Posted on April 25, 2025, by Niftynews
Axis Bank share price witnessed a notable drop of over 4% on Friday, April 25, 2025, following the release of the company’s Q4 FY25 results. The stock fell as much as 4.58%, reaching ₹1,151.95 on the BSE. This decline raises important questions for investors: Should you buy, sell, or hold Axis Bank shares now?
Let’s dive into the details of Axis Bank’s Q4 results and the potential investment implications for shareholders and potential buyers.
📉 Axis Bank Share Price Movement and Key Takeaways
- Opening Price: ₹1,151.95, down by 4.58%
- Year-to-Date (YTD) Performance: +8.5%
- 3-Month Performance: +22%
- 1-Month Performance: +4%
- 5-Year Performance: Multibagger returns of 188%
Despite the drop on April 25, Axis Bank shares have had a strong uptrend over the past few months, particularly with the year-to-date performance and notable gains over the past three months.
📊 Axis Bank Q4 FY25 Results: What Happened?
Axis Bank reported a standalone net profit of ₹7,117.50 crore for Q4FY25, which showed a slight decline of 0.2% compared to ₹7,129.67 crore during the same period last year. Despite a 6% growth in net interest income (NII) to ₹13,811 crore, the net interest margin (NIM) declined slightly from 4.06% in the previous year to 3.97% for Q4FY25.
Other Key Financial Metrics:
- Total Advances: ₹10.4 lakh crore (8% YoY growth)
- Deposits: ₹11.7 lakh crore (10% YoY growth)
Despite these positive figures, the fall in NIM and a flat net profit left investors cautious, which may have contributed to the stock’s decline on April 25.
🔍 Why Did Axis Bank Share Price Fall?
The primary reasons behind the drop in Axis Bank share price can be attributed to the following:
1. Muted Profit Growth
While Axis Bank’s profit after tax showed a slight dip (0.2%), this lack of strong earnings growth could have disappointed investors looking for more robust financial performance.
2. Decline in Net Interest Margin (NIM)
The slight decline in NIM to 3.97% from 4.06% is another point of concern. NIM is a critical indicator of a bank’s profitability, and the drop reflects pressure on the bank’s lending and borrowing dynamics.
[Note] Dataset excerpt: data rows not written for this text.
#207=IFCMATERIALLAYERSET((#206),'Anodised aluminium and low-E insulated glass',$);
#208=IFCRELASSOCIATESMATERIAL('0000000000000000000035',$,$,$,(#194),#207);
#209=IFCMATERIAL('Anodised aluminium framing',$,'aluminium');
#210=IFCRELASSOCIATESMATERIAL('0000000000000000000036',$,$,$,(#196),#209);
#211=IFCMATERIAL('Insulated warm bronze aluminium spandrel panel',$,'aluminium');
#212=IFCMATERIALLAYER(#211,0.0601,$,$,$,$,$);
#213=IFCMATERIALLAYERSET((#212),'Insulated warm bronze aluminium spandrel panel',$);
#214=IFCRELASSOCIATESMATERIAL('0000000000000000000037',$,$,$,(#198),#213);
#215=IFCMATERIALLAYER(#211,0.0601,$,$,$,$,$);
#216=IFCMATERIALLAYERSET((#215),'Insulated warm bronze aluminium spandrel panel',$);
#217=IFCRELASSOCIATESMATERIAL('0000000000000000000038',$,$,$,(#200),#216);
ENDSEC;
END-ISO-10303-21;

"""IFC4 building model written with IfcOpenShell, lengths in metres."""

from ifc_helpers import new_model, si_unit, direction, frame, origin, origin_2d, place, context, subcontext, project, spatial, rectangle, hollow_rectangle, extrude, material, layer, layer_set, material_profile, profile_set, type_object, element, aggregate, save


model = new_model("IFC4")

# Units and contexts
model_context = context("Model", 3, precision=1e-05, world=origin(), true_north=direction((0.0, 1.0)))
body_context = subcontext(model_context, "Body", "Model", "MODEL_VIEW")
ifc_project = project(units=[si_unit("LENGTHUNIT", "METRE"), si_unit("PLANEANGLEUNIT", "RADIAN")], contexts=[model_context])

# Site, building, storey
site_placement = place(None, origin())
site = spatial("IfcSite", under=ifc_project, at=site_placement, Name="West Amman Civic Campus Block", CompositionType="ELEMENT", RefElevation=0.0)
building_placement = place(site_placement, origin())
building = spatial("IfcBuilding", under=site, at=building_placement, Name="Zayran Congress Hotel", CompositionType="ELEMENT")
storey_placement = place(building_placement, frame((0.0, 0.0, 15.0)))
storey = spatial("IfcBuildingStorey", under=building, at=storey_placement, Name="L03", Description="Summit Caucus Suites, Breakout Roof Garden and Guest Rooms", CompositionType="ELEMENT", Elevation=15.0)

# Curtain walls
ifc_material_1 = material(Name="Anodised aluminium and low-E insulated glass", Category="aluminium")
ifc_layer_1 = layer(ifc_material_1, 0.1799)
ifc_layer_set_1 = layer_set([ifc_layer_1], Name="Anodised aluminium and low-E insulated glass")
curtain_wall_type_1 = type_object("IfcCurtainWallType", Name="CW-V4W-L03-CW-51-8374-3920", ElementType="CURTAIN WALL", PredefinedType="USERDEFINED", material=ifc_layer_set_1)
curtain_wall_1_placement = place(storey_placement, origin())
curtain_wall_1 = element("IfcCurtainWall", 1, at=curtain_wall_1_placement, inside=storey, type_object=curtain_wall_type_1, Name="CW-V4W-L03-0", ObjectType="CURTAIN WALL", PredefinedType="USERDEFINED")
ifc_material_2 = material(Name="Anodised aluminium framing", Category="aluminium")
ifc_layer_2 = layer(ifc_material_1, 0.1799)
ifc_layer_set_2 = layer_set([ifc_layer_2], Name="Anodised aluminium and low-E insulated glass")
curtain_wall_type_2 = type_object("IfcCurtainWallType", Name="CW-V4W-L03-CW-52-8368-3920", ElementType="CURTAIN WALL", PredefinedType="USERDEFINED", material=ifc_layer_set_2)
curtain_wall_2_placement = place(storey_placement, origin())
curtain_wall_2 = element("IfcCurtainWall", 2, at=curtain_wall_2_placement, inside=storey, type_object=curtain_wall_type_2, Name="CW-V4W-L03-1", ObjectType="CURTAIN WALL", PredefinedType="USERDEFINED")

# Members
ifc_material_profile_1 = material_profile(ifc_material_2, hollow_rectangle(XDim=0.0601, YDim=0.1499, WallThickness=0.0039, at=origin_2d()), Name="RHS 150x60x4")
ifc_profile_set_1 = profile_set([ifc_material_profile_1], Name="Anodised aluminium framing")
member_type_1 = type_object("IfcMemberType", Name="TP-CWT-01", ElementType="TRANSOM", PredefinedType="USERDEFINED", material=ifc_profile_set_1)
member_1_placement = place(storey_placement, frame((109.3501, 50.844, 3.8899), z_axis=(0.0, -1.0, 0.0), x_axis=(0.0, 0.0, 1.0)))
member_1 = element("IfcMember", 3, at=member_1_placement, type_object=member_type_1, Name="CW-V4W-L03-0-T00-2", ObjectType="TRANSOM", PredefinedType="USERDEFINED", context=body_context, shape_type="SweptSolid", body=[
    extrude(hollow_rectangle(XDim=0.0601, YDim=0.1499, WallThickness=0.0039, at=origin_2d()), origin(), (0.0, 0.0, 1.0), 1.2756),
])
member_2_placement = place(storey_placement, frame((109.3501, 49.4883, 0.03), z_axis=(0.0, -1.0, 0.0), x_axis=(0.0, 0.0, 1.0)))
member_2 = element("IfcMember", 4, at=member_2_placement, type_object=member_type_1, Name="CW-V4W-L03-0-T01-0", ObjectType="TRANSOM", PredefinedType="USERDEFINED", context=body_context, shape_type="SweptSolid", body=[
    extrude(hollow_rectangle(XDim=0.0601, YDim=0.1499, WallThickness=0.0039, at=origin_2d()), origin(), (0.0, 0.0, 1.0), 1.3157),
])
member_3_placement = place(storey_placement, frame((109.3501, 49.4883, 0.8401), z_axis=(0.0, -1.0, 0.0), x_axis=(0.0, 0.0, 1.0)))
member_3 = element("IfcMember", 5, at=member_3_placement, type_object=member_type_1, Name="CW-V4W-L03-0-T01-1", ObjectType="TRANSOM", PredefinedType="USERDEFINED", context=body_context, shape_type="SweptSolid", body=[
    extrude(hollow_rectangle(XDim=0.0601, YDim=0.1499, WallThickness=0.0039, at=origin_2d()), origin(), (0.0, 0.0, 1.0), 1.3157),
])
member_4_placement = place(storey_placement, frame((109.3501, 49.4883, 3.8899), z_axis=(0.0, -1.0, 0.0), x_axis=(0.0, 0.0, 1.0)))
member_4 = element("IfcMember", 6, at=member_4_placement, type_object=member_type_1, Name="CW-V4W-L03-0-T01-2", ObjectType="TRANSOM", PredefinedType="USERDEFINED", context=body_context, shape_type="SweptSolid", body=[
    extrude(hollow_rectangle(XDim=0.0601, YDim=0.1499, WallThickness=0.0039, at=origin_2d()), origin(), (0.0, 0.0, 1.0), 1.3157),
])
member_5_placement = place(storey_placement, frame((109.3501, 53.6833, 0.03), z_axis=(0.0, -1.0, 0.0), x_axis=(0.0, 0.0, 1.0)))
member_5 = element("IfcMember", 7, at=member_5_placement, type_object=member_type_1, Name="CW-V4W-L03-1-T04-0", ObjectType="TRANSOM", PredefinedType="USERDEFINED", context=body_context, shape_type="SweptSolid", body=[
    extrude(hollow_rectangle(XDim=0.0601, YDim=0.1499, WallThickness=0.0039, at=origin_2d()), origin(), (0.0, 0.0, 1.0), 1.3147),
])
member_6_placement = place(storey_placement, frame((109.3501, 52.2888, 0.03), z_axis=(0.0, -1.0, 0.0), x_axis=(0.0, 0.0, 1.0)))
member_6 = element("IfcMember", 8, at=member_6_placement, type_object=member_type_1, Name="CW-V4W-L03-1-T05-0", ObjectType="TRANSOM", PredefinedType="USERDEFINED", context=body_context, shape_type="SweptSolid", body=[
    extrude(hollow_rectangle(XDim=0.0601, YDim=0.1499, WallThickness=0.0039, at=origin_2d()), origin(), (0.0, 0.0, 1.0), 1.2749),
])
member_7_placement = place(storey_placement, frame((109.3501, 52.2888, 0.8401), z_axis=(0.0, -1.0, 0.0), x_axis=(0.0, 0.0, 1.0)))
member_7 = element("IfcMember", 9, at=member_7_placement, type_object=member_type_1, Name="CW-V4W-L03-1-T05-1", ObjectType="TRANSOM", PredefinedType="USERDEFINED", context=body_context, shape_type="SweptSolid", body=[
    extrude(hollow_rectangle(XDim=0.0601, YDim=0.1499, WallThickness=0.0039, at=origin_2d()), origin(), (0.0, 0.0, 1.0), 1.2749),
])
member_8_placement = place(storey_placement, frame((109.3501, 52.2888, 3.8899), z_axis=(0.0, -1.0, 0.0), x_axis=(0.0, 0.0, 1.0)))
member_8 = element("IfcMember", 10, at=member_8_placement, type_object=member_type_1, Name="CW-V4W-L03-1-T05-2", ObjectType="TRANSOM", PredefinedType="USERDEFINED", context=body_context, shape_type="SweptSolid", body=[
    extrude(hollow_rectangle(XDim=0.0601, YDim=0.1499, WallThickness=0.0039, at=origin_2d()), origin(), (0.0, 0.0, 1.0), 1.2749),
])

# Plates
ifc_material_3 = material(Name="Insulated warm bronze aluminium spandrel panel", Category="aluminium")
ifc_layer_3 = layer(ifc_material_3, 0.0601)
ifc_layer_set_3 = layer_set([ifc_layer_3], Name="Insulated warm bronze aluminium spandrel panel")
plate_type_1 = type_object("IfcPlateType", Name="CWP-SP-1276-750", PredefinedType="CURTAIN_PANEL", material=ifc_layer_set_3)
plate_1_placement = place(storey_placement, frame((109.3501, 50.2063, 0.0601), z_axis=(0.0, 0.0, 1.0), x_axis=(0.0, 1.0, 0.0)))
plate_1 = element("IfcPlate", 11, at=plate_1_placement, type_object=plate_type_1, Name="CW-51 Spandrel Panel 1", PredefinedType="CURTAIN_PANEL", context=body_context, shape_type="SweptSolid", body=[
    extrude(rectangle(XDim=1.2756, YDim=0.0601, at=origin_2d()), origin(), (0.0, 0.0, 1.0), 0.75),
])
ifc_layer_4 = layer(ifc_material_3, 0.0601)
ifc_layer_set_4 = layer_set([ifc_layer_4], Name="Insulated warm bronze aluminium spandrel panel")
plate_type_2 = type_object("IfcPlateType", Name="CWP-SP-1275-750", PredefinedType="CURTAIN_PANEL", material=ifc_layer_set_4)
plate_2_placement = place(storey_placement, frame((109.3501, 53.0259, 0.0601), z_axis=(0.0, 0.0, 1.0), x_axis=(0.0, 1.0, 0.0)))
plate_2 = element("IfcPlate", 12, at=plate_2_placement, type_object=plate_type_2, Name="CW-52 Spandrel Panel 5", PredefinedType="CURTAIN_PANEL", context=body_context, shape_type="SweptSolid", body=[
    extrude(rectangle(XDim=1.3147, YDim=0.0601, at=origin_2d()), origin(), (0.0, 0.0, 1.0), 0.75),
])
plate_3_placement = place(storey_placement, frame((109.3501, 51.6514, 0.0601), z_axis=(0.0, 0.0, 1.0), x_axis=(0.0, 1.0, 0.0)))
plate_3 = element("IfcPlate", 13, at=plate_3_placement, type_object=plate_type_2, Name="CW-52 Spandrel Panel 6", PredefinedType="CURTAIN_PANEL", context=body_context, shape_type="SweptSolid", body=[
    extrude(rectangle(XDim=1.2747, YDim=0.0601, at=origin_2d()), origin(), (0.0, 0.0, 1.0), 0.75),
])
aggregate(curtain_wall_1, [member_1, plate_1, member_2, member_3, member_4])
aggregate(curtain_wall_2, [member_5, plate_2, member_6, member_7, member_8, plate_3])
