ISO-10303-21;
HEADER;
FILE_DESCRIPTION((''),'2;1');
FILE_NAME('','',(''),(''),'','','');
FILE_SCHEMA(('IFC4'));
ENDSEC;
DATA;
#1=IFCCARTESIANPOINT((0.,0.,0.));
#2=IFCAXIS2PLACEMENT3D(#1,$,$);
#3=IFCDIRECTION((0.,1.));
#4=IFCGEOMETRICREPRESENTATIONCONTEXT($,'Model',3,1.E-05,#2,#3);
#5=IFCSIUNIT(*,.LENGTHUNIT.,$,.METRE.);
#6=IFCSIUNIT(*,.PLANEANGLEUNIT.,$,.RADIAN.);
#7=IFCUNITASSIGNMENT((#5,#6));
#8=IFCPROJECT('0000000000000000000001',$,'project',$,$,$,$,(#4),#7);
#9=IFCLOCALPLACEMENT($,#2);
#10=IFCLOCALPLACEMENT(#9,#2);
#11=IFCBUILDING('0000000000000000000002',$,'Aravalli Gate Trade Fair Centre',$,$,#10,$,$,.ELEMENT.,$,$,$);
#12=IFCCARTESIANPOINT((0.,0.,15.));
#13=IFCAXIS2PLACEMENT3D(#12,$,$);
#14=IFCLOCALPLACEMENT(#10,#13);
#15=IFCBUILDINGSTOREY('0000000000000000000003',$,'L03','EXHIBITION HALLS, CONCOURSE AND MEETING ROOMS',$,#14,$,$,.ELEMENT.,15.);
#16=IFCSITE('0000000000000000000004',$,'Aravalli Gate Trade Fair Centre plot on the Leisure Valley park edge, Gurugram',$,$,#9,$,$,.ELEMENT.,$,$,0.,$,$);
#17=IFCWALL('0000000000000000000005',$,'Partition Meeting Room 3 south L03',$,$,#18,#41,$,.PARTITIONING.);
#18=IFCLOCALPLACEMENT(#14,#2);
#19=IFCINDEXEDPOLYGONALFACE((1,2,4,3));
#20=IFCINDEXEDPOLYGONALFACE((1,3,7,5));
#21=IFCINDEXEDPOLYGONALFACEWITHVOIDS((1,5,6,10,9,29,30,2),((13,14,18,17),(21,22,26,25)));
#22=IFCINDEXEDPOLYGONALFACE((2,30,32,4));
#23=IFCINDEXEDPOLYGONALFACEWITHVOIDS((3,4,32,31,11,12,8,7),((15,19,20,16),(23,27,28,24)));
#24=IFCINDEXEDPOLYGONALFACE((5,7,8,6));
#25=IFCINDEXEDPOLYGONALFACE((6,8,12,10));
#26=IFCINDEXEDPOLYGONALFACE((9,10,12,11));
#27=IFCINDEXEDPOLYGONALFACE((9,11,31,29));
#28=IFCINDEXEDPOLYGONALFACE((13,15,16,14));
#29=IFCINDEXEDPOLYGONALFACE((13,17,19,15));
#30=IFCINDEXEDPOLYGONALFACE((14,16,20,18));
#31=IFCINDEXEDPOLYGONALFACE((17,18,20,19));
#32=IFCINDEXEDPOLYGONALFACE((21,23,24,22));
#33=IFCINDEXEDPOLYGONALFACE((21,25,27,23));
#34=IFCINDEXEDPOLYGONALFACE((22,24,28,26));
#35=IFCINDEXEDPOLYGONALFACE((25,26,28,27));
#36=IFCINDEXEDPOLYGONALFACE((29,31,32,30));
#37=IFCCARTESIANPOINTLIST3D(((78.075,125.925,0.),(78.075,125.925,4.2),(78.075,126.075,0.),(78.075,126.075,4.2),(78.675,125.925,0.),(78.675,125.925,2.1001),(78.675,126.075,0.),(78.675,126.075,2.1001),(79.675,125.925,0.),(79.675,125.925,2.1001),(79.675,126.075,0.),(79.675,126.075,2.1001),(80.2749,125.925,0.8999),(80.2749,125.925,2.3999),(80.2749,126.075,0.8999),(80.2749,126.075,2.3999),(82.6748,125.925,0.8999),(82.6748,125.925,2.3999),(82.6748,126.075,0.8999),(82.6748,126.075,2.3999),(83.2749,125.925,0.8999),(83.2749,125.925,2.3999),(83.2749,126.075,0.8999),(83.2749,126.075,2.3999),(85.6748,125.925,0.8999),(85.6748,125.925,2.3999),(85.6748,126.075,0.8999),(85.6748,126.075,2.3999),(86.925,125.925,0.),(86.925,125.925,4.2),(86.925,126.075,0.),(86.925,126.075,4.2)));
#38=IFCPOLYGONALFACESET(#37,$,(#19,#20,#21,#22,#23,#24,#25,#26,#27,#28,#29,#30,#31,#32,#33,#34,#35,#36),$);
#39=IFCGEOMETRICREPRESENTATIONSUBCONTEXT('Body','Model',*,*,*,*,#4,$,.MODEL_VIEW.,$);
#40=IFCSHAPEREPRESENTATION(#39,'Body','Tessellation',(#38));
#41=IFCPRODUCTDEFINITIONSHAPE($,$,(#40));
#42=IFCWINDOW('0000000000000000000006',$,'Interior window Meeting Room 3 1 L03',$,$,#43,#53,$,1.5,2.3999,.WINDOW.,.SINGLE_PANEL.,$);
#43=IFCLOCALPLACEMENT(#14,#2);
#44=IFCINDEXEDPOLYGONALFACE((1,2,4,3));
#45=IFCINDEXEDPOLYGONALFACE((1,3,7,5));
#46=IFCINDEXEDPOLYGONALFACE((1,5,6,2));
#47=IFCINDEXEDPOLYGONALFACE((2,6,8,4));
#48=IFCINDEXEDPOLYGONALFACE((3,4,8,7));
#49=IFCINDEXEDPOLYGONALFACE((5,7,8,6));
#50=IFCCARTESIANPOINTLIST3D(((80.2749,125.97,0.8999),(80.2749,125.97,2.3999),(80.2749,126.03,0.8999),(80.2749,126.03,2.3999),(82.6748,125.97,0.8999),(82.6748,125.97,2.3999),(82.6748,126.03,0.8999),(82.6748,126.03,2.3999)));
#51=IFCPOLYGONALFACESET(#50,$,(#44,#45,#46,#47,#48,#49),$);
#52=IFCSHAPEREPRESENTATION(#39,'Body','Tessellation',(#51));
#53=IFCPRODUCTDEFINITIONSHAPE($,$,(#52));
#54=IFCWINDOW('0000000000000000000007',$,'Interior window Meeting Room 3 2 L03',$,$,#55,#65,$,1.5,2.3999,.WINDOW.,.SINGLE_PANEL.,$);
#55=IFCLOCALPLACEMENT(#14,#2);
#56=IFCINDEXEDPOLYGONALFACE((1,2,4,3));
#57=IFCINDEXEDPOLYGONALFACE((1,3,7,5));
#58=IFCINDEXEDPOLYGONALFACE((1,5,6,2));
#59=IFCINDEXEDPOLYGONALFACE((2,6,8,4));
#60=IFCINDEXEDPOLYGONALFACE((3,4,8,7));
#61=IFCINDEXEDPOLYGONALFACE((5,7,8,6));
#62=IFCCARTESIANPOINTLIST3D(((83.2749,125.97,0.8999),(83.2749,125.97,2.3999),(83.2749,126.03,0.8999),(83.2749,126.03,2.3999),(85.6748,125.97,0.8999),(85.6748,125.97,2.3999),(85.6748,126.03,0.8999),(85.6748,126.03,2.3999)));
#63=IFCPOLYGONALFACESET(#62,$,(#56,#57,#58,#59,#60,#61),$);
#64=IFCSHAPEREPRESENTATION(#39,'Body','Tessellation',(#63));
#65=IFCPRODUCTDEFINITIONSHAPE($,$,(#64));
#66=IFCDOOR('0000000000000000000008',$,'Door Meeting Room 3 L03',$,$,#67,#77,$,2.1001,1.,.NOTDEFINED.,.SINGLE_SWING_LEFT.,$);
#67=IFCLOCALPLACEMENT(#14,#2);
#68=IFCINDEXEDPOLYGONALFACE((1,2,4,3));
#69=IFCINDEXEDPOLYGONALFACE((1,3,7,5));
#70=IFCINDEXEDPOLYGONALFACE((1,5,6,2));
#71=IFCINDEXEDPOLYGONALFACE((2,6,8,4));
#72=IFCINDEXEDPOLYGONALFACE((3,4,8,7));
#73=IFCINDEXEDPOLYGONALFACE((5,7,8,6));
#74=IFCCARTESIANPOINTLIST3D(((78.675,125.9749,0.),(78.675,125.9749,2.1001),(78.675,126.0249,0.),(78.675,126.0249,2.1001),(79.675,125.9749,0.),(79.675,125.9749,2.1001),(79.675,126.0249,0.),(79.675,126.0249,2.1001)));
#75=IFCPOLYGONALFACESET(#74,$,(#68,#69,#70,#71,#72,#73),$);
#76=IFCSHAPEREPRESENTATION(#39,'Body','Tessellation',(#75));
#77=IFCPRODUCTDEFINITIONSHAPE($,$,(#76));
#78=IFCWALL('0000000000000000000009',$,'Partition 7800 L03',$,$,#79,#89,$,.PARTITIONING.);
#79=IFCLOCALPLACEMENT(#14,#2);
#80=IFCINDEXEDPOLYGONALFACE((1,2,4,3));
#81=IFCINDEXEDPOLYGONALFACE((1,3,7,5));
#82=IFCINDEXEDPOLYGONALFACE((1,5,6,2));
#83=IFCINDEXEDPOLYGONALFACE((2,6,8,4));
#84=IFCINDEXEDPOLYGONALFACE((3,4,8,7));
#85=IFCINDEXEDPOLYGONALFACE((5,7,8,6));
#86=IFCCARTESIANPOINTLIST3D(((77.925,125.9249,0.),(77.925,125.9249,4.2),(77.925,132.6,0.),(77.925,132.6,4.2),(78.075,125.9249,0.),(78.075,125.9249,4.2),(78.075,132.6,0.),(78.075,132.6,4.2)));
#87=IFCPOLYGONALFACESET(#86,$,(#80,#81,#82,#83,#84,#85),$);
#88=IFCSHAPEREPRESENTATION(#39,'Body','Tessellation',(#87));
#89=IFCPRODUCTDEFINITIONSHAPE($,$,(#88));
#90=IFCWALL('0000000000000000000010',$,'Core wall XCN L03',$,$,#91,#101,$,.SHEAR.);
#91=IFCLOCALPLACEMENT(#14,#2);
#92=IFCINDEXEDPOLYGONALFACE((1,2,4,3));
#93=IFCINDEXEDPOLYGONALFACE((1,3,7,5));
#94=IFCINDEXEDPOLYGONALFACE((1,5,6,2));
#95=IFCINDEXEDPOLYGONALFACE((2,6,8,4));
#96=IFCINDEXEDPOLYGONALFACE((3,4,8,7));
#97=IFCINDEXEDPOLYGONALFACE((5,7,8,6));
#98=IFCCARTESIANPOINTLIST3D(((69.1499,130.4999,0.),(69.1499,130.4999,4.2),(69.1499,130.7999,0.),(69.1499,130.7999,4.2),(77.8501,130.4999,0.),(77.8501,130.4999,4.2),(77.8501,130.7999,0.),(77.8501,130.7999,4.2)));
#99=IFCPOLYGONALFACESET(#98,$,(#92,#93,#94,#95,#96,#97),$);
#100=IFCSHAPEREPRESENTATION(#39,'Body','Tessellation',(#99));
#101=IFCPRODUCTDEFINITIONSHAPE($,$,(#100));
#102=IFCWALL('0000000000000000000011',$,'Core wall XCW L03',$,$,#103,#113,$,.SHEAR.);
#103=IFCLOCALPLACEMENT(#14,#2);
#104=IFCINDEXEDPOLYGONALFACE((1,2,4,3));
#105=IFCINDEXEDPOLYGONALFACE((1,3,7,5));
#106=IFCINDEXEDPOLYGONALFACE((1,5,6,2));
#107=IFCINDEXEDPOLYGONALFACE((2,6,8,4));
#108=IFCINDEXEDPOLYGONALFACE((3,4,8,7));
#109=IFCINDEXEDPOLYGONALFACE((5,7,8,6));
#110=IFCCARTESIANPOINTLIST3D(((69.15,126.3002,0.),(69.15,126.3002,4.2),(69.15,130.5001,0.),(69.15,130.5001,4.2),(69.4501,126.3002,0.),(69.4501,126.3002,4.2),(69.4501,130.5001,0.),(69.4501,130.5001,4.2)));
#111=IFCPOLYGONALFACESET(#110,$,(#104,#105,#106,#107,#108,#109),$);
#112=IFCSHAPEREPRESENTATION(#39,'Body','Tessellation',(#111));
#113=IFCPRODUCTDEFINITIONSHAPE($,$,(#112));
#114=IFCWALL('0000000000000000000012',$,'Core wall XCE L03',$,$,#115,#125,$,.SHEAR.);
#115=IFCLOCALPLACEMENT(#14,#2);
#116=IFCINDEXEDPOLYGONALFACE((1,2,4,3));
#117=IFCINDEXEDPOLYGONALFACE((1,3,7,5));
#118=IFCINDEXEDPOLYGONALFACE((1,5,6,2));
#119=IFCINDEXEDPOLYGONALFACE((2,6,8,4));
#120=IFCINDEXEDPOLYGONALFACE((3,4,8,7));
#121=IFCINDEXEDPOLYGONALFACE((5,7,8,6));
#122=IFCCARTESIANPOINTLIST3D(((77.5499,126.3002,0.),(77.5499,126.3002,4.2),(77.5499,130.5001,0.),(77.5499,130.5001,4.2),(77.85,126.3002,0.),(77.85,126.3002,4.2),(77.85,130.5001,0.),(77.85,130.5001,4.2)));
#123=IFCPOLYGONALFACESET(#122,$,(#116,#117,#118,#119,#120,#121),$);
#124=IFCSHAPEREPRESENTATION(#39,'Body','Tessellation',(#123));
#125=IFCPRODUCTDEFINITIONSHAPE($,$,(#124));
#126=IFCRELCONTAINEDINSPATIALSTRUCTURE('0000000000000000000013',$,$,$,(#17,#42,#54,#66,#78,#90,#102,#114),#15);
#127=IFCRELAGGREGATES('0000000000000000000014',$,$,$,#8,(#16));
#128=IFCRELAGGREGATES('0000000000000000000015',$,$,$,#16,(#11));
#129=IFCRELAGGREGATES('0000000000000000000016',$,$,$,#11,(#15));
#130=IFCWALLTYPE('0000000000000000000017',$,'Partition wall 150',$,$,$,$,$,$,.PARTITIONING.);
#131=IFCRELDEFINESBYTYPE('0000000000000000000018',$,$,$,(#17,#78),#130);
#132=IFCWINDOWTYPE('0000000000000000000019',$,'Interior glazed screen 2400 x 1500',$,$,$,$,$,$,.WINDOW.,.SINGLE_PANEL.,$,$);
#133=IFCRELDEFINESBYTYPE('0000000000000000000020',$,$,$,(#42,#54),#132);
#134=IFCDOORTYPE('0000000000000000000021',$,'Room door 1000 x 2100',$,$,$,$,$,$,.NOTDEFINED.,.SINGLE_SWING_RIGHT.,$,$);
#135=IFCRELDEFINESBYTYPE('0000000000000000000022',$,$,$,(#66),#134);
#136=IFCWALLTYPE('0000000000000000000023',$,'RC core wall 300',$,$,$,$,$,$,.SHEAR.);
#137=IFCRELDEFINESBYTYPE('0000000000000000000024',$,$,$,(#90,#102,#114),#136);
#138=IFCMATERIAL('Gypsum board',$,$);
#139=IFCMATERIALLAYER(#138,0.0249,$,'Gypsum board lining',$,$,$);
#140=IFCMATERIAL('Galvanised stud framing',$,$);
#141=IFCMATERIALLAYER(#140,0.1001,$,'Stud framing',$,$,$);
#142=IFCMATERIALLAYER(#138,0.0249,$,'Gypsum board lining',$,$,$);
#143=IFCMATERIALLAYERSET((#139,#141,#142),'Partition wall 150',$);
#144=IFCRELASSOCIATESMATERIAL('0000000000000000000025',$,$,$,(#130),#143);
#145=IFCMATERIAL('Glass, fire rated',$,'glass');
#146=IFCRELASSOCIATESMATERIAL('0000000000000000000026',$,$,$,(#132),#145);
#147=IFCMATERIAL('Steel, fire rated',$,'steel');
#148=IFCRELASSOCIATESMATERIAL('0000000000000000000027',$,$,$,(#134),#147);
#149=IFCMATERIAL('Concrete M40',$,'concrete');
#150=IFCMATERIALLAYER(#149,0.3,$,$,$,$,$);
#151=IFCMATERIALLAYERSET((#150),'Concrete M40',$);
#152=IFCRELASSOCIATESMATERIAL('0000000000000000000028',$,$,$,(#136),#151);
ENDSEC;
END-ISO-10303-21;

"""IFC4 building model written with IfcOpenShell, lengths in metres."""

from ifc_helpers import new_model, si_unit, direction, frame, frame_2d, origin, place, context, subcontext, project, spatial, rectangle, extrude, material, layer, layer_set, type_object, element, fill, save


model = new_model("IFC4")

# Units and contexts
model_context = context("Model", 3, precision=1e-05, world=origin(), true_north=direction((0.0, 1.0)))
body_context = subcontext(model_context, "Body", "Model", "MODEL_VIEW")
ifc_project = project(units=[si_unit("LENGTHUNIT", "METRE"), si_unit("PLANEANGLEUNIT", "RADIAN")], contexts=[model_context])

# Site, building, storey
site_placement = place(None, origin())
site = spatial("IfcSite", under=ifc_project, at=site_placement, Name="Aravalli Gate Trade Fair Centre plot on the Leisure Valley park edge, Gurugram", CompositionType="ELEMENT", RefElevation=0.0)
building_placement = place(site_placement, origin())
building = spatial("IfcBuilding", under=site, at=building_placement, Name="Aravalli Gate Trade Fair Centre", CompositionType="ELEMENT")
storey_placement = place(building_placement, frame((0.0, 0.0, 15.0)))
storey = spatial("IfcBuildingStorey", under=building, at=storey_placement, Name="L03", Description="EXHIBITION HALLS, CONCOURSE AND MEETING ROOMS", CompositionType="ELEMENT", Elevation=15.0)

# Shared definitions
ifc_material_1 = material(Name="Concrete M40", Category="concrete")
3. Market Expectations vs. Reality
While the bank posted strong loan and deposit growth, it did not meet the expectations of some market analysts, who were anticipating more substantial figures. This led to some selling pressure on the stock.
💡 Expert Opinions: Should You Buy, Sell, or Hold Axis Bank Shares?
Despite the recent 4% decline, analysts have maintained a positive outlook on Axis Bank shares, with some calling the fall a buying opportunity.
1. Nuvama Institutional Equities: ‘Buy’ Rating
Nuvama retained its ‘Buy’ rating on Axis Bank shares due to attractive valuations. The firm raised its target price to ₹1,400 from ₹1,220 earlier, citing the long-term growth prospects of the bank.
2. Equirus Securities: ‘Long’ Position
Equirus Securities has kept its ‘Long’ position on Axis Bank with a target price of ₹1,500 by March 2026. The firm expects the stock to re-rate once business growth accelerates, suggesting that the recent dip presents a good buy-on-dips opportunity.
3. Technical Analysis: A Buy-on-Dips Opportunity
According to Anshul Jain, Head of Research at Lakshmishree Investments, the recent fall in Axis Bank shares may offer a buying opportunity. The stock has been consolidating after a significant rally, and it is currently testing its 10-day EMA (Exponential Moving Average), potentially setting the stage for a pullback towards the 20-day EMA at ₹1,135.
Jain noted that the low volume on this decline indicates that the drop may be due to profit booking rather than a structural breakdown, suggesting the stock could resume its upward trend.
🔮 Long-Term Outlook for Axis Bank
Over the long term, Axis Bank has proven itself to be a strong performer in the Indian banking sector, delivering a 188% return over the past five years. With a strong loan and deposit growth and a commitment to improving asset quality, Axis Bank is expected to benefit from the ongoing growth in India’s financial sector.
The stock has shown remarkable multibagger returns, and while the recent results may have fallen short of expectations, its strategic focus on retail liabilities and improving asset quality make it a promising choice for long-term investors.
📝 Conclusion: Buy, Sell, or Hold?
Axis Bank’s share price decline following the Q4 results presents an interesting opportunity for investors. While the muted profit growth and slight dip in NIM are concerning, analysts believe the stock remains fundamentally strong and well-positioned for future growth.
If you are a long-term investor, holding onto your shares could be a good strategy, especially with the attractive valuations and potential for re-rating once business growth picks up. For short-term traders, the recent fall might offer a buy-on-dips opportunity with a potential rebound.